But honestly to me it seems the elm community wants to have their cake and eat
it too. Of course that is not a trait unique to them.

As somebody not involved with elm I mostly get to hear about the language from
the marketing side. And it does get advocated as production ready (or as least
as production ready as anthingthing else in the js world, to paraphrase some
talk) and the alpha status, it being still a young language and use in
production at own risk only ever seems to really come up when there is some
push back.

E.g. I can't see any mention of being "alpha" or warnings on the elm website,
besides the version number indicating it. Instead it says things like "elm
guarantees no run time exceptions in practice", but when I go to Github
issues, I find several of them, including intentional and accepted ones.

It seems to be a neat language, but for now I'll just stay away from it and
let them do their thing.

edit: grammar, wording.

------
tazjin
It's an interesting topic. We use Elm at work, but I don't work with frontend
development so I don't have a lot of hands-on experience with it.

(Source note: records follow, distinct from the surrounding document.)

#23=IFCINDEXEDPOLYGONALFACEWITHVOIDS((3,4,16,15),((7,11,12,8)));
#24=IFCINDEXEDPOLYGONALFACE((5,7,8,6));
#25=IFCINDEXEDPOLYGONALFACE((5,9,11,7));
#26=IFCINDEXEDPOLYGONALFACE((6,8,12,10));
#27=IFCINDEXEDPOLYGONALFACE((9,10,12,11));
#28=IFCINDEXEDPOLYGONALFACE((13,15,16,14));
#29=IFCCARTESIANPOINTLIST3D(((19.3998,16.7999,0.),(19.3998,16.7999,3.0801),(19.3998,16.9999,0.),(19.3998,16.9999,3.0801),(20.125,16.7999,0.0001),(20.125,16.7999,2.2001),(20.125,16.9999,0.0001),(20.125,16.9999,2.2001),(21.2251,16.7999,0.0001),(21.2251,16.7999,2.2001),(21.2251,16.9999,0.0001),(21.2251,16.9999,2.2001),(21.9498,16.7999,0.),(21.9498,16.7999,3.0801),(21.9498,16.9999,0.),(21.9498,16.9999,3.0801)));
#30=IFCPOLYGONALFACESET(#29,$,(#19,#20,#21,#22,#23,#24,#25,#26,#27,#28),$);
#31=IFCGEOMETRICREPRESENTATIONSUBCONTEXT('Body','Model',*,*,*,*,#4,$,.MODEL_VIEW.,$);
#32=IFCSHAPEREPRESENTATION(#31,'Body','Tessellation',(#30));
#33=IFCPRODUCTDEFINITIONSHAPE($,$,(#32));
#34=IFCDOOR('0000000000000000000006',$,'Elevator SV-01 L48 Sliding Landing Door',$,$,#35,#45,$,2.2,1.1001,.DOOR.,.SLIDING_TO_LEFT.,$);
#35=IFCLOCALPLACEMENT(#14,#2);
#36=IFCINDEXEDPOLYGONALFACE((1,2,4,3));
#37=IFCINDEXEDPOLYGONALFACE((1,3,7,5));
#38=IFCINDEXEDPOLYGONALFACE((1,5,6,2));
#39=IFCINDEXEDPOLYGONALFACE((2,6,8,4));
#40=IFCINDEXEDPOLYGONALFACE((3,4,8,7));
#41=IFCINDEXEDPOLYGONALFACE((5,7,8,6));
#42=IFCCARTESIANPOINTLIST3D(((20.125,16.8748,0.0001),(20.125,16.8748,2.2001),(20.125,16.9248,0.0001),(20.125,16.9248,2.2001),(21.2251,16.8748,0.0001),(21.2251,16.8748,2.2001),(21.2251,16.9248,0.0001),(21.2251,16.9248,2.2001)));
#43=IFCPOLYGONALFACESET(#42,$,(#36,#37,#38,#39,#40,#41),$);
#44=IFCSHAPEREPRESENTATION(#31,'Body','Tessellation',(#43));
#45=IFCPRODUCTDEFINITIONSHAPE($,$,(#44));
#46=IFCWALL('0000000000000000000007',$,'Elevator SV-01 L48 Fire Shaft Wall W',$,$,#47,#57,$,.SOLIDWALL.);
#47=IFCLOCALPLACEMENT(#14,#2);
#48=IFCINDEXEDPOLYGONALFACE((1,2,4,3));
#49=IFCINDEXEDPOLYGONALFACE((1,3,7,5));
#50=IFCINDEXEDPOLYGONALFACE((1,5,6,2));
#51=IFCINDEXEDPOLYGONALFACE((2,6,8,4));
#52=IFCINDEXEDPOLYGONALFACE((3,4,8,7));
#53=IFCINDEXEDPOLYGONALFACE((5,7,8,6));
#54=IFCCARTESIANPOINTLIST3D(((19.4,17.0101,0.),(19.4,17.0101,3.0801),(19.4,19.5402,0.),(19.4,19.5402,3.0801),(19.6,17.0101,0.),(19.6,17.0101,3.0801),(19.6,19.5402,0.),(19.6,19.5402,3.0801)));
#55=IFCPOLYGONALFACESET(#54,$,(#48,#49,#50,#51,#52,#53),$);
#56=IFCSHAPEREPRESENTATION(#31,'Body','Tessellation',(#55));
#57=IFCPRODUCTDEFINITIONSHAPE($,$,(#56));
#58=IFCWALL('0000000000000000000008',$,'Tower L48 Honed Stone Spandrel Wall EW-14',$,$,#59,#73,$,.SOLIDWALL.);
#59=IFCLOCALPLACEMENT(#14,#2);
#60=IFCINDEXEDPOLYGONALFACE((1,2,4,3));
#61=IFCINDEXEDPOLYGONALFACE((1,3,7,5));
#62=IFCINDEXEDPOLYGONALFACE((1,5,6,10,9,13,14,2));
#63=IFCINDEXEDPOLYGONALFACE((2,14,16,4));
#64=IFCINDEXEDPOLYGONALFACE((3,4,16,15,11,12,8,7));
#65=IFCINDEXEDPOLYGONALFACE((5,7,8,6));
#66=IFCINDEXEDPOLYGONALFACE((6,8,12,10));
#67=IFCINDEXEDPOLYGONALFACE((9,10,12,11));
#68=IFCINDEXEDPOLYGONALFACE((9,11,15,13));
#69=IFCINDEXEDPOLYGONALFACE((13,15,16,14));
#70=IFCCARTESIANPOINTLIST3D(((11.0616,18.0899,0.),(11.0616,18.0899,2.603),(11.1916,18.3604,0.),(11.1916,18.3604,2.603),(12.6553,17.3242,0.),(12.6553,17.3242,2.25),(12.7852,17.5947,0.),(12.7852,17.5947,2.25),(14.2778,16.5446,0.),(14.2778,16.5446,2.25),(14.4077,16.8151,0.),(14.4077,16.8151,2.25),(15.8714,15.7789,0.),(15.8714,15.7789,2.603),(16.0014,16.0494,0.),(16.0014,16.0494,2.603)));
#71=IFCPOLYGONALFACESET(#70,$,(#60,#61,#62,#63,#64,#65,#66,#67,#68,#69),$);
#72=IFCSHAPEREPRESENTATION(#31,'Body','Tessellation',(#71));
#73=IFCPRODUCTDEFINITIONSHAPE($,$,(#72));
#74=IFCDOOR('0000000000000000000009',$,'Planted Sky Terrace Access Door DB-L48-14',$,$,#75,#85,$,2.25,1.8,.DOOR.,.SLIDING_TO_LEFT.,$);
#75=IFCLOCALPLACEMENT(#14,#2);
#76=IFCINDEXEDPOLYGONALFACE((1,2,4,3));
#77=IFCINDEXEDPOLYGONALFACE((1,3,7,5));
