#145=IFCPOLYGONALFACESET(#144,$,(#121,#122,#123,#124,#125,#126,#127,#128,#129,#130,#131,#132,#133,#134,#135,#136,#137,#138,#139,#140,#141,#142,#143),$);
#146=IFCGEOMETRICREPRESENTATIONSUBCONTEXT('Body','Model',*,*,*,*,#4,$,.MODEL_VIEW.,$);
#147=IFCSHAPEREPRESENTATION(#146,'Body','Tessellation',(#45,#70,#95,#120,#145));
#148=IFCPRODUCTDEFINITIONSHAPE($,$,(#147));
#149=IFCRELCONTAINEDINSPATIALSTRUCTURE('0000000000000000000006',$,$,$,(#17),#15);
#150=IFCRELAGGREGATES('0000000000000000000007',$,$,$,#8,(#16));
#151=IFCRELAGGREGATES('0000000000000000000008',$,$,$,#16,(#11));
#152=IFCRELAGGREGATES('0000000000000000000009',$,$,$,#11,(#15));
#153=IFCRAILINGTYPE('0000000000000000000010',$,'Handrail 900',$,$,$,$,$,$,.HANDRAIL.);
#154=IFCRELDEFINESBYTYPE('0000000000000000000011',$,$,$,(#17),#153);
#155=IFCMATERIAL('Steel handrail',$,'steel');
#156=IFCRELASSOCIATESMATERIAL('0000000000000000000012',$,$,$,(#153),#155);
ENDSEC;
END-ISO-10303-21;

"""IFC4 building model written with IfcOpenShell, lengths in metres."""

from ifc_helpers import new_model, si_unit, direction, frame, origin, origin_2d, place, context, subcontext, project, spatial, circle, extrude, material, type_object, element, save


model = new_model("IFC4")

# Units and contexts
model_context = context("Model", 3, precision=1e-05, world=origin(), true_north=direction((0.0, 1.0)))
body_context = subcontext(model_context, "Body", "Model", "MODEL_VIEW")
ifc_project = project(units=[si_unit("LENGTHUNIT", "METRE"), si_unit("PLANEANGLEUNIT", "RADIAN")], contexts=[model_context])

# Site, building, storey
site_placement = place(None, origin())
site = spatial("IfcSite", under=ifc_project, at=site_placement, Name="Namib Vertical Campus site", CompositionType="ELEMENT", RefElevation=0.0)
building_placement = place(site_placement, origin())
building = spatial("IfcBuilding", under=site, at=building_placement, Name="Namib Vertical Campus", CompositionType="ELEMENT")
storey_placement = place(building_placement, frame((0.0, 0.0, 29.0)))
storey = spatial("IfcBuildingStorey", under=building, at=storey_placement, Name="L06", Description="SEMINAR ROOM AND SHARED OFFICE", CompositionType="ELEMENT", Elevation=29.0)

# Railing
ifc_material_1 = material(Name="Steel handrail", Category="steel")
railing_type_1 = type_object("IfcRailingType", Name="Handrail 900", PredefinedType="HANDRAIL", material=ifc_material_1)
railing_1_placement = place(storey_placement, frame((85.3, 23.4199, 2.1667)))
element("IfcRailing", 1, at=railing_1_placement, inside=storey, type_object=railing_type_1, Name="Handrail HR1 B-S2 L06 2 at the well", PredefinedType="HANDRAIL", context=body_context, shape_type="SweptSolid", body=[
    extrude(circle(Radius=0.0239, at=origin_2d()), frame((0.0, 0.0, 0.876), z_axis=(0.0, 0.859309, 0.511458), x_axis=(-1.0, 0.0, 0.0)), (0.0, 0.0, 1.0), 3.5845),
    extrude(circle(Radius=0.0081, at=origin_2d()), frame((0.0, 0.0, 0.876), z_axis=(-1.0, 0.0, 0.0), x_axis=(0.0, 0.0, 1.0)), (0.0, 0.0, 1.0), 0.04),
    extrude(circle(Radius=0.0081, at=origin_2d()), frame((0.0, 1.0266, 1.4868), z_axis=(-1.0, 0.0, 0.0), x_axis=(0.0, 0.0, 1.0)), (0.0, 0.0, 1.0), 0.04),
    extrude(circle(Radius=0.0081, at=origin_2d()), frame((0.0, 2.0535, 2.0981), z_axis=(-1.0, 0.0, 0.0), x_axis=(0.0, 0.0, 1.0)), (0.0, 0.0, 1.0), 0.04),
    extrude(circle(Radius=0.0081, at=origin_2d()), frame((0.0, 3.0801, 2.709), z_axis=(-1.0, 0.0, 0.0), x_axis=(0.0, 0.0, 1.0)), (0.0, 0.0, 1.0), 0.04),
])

From following a few of those Reddit thread (the linked one and also [1] about
a week ago) it seems like there is some growing concern about the BDFL-type
development model that Elm is using.

From a casual user's perspective and as someone with a background in Haskell
development, Elm appears sort of unmaintained (PRs being ignored, no new
releases/updates/anything in a long time) and unfinished (there are many
"Haskell-features" that Elm has no equivalent to (yet), which leads to
developers writing a _lot_ of repeating code especially in areas such as JSON
(de|en)coding).

None of our work Elm code bases are particularly large (yet), and the
developer doing the bulk of our frontend work is also a Haskell person by
heart. We'll be staking out PureScript as an alternative, though we'd probably
like to keep the idea of the "Elm architecture" alive there, too.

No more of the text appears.